プリンス(Prince)『パープル・レイン(映画)』
ミネアポリスの人気クラブ、ファーストアベニューにて、ステージに立つキッドとザ・レボリューション。キッドは両親の不仲、バンド内でのトラブル、ライバルのザ・タイムとモリス・デイとの対立などのゴタゴタを抱えつつ、夢と成功を追い求める。そんなところに、成功を求める女性アポロニアが現れた。
クラブでのザ・レボリューションの演奏シーンは、どれも圧巻だ。がしかし、劇中ではキッドとレボリューションは問題児扱いで、ザ・タイムの方が幅を利かせていることになっている。やがてアポロニアもトリオとしてデビューすることになり、キッドはクラブのオーナーからは明日ダメだったらクビだと宣告される。アポロニアともめた挙げ句、家に帰ると、父親が拳銃で自殺未遂をしていた。
ぼろぼろになり、窮地に追い込まれたキッド。起死回生となったのはやはり音楽であり、父が書き留めていた楽譜、及びバンドメンバーのウェンディとリサによるデモからひとつの曲を仕上げ、ステージにて『Purple Rain』を演奏して喝采を浴びる。まさに、典型的なサクセスストーリーといえる。
プリンスが主演した映画で、同名のアルバムとシンクロして大ヒット。プリンスがキッド、プリンスの父と母を役者が演じている以外、ほとんどのキャストが実名で登場。内容も、プリンスの自伝的な要素が強いとうたわれた(今となっては、そのうたい文句もプロモーションの一部とわかるが)。リサとウェンディが書いたことになっている『Purple Rain』は、実際にはもちろんプリンスが書いた曲。そればかりか、ザ・タイムも、アポロニアも、ほとんどの曲がプリンスの手によるものだったはずだ。
ワタシはこの映画をリアルタイムで劇場で観て、その後テレビ放送されたのを観て、そしてDVDを入手。時間が経過してから、自分が歳をとってから観ることで、以前観たときには気づかなかったことに気づく。ストーリー上は、プリンスがクライマックスで逆転しめでたしめでたしという感じだが、夢の実現のためにデビューしたばかりのアポロニアは、結局どうなったのかというツッコミをしたくなる(笑)。
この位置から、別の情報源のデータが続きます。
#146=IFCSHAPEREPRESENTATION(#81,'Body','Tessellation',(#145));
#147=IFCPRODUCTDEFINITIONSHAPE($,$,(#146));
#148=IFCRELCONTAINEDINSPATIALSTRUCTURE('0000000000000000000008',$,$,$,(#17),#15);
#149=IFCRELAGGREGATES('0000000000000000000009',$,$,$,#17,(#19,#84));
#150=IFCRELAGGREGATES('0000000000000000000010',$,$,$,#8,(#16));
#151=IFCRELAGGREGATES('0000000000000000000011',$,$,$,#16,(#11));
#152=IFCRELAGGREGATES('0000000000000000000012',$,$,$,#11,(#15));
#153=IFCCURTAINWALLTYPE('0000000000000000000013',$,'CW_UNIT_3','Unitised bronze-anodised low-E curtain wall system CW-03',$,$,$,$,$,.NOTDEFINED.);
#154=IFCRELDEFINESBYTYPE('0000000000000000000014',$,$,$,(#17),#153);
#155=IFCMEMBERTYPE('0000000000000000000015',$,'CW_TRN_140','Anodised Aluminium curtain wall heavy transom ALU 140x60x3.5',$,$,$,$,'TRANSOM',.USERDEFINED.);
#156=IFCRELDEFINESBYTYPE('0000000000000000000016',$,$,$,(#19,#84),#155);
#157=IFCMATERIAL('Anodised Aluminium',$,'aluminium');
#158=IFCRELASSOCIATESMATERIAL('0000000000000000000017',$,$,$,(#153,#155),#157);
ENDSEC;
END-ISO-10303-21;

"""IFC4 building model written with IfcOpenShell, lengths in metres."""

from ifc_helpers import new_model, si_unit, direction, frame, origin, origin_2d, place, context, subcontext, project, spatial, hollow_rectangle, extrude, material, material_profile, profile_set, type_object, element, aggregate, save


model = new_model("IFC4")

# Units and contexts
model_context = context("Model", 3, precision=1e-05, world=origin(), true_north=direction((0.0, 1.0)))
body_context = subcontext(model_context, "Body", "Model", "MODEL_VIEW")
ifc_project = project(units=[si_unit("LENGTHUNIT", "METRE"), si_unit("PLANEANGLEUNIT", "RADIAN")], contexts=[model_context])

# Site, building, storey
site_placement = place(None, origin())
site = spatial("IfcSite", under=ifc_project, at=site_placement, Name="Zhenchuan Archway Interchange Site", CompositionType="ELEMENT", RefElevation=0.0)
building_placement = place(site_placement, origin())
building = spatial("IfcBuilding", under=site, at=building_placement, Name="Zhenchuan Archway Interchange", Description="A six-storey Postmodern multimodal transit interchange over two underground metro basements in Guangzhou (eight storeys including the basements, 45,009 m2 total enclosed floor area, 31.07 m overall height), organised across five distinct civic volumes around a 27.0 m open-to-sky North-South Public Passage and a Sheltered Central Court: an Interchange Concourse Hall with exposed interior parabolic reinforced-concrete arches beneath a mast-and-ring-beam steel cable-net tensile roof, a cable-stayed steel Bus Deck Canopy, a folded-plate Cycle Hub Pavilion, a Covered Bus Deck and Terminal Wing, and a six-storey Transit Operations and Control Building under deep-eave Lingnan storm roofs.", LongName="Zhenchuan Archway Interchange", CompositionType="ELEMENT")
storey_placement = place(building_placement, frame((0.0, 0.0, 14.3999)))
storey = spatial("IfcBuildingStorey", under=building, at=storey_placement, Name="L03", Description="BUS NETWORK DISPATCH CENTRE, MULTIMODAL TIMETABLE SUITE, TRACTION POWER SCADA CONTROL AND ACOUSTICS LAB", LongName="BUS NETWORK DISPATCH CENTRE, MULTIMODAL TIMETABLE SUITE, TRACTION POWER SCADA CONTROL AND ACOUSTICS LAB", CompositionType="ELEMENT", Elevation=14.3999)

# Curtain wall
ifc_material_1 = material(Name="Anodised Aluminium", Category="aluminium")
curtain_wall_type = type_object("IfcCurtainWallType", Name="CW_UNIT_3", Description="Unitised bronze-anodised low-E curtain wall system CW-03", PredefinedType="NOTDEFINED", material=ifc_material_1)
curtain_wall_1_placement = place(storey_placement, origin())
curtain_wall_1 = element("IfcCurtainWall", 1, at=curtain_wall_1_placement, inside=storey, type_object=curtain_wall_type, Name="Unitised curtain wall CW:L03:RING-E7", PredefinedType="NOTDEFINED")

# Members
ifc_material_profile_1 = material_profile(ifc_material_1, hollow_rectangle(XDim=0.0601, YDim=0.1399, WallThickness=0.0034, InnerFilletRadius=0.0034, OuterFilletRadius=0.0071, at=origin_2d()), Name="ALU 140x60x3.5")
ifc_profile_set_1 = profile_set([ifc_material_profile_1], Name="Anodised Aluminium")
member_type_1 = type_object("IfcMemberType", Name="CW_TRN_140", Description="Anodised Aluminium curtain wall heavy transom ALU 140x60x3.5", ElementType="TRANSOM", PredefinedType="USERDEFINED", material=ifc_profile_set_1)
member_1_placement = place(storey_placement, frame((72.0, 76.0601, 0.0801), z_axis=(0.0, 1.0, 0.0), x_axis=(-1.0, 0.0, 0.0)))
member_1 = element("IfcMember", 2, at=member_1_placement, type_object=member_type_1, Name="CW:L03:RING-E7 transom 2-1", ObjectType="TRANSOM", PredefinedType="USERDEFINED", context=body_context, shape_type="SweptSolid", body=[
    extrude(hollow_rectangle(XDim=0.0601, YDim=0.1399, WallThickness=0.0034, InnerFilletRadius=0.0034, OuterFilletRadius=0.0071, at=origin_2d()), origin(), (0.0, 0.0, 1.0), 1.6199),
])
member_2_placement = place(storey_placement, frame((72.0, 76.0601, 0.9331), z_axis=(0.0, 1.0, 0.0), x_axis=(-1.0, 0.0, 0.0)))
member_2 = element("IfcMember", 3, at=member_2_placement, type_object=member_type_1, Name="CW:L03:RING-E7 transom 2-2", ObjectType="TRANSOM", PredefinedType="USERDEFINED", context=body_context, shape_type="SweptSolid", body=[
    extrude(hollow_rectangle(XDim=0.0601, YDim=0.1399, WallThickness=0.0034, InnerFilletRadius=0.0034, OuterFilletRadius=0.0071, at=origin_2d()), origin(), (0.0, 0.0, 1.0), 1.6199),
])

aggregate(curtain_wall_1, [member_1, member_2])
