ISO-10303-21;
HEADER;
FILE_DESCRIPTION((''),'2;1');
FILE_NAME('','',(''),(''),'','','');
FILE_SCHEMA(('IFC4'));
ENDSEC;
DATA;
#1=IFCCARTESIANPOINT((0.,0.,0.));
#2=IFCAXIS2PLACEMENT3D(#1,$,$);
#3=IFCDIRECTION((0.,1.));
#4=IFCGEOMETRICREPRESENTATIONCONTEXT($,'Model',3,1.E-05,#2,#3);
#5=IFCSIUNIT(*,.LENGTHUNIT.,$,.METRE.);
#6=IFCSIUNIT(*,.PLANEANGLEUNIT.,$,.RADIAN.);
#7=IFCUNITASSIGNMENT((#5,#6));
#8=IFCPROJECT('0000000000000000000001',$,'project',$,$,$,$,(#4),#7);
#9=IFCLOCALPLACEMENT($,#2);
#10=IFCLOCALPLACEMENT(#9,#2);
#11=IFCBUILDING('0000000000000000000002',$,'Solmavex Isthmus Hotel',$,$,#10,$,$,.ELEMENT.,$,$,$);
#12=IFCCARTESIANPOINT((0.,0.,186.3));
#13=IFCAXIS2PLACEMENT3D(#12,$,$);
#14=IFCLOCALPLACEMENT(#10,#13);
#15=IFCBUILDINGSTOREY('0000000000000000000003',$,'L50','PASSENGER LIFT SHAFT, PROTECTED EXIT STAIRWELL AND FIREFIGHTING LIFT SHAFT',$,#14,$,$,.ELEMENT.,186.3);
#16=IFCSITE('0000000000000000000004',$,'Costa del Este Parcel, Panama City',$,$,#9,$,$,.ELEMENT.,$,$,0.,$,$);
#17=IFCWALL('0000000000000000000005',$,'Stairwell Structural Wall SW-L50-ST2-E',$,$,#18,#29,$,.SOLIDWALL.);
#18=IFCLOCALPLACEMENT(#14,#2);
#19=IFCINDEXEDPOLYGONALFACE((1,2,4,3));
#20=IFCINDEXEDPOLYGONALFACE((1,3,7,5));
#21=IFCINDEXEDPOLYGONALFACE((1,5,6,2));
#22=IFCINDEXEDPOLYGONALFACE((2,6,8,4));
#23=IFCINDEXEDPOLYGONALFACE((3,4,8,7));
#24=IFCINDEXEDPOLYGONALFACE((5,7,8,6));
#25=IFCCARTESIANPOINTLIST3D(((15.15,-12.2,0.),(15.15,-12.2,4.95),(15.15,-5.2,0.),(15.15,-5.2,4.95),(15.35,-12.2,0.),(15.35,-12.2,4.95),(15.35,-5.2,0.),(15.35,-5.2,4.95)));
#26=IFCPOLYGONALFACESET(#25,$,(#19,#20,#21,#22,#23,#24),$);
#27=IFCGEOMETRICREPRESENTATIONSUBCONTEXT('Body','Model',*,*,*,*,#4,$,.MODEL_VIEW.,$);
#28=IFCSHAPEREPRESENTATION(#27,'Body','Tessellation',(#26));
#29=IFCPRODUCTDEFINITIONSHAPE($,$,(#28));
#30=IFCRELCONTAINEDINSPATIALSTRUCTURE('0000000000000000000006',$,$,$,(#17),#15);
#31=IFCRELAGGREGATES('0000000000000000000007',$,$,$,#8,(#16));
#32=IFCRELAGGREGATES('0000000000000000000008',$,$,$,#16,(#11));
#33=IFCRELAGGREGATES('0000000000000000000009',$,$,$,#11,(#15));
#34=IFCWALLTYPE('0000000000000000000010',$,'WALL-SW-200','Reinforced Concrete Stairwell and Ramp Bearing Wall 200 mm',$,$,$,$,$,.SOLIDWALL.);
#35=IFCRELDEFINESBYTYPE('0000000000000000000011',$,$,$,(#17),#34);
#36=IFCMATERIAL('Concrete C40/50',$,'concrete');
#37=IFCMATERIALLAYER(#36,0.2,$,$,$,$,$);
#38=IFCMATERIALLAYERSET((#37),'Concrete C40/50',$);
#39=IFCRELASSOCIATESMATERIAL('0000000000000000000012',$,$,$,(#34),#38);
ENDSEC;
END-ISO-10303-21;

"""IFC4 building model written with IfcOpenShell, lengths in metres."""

from ifc_helpers import new_model, si_unit, direction, frame, frame_2d, origin, place, context, subcontext, project, spatial, rectangle, extrude, material, layer, layer_set, type_object, element, save


model = new_model("IFC4")

# Units and contexts
model_context = context("Model", 3, precision=1e-05, world=origin(), true_north=direction((0.0, 1.0)))
body_context = subcontext(model_context, "Body", "Model", "MODEL_VIEW")
ifc_project = project(units=[si_unit("LENGTHUNIT", "METRE"), si_unit("PLANEANGLEUNIT", "RADIAN")], contexts=[model_context])

# Site, building, storey
site_placement = place(None, origin())
site = spatial("IfcSite", under=ifc_project, at=site_placement, Name="Costa del Este Parcel, Panama City", CompositionType="ELEMENT", RefElevation=0.0)
building_placement = place(site_placement, origin())
building = spatial("IfcBuilding", under=site, at=building_placement, Name="Solmavex Isthmus Hotel", CompositionType="ELEMENT")
storey_placement = place(building_placement, frame((0.0, 0.0, 186.3)))
storey = spatial("IfcBuildingStorey", under=building, at=storey_placement, Name="L50", Description="PASSENGER LIFT SHAFT, PROTECTED EXIT STAIRWELL AND FIREFIGHTING LIFT SHAFT", CompositionType="ELEMENT", Elevation=186.3)

# Wall
ifc_material_1 = material(Name="Concrete C40/50", Category="concrete")
ifc_layer_1 = layer(ifc_material_1, 0.2)
ifc_layer_set_1 = layer_set([ifc_layer_1], Name="Concrete C40/50")
wall_type_1 = type_object("IfcWallType", Name="WALL-SW-200", Description="Reinforced Concrete Stairwell and Ramp Bearing Wall 200 mm", PredefinedType="SOLIDWALL", material=ifc_layer_set_1)
wall_1_placement = place(storey_placement, frame((15.25, -12.2, 0.0), z_axis=(0.0, 0.0, 1.0), x_axis=(0.0, 1.0, 0.0)))
element("IfcWall", 1, at=wall_1_placement, inside=storey, type_object=wall_type_1, Name="Stairwell Structural Wall SW-L50-ST2-E", PredefinedType="SOLIDWALL", context=body_context, shape_type="SweptSolid", body=[
    extrude(rectangle(XDim=7.0, YDim=0.2, at=frame_2d((3.5, 0.0))), origin(), (0.0, 0.0, 1.0), 4.95),
])

save(model, "model.ifc")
自伝的であろうとなかろうと、プリンスの演技にはやはり注目だ。両親の喧嘩で家庭内でも落ち着くことができず、涙を流すプリンス。あのプリンスが、泣いている!また、プリンスは当時1961年生まれとされていたこともあり、公開時はキッドは20代前半の設定と思って観ていた(実際は1958年生まれ)。今回観て思ったのは、キッドはもう少し若い、ハタチ前くらいの設定ではないだろうかと。大人でもなく、と言ってもちろん子供でもない。だから「キッド」なのでは、と思う。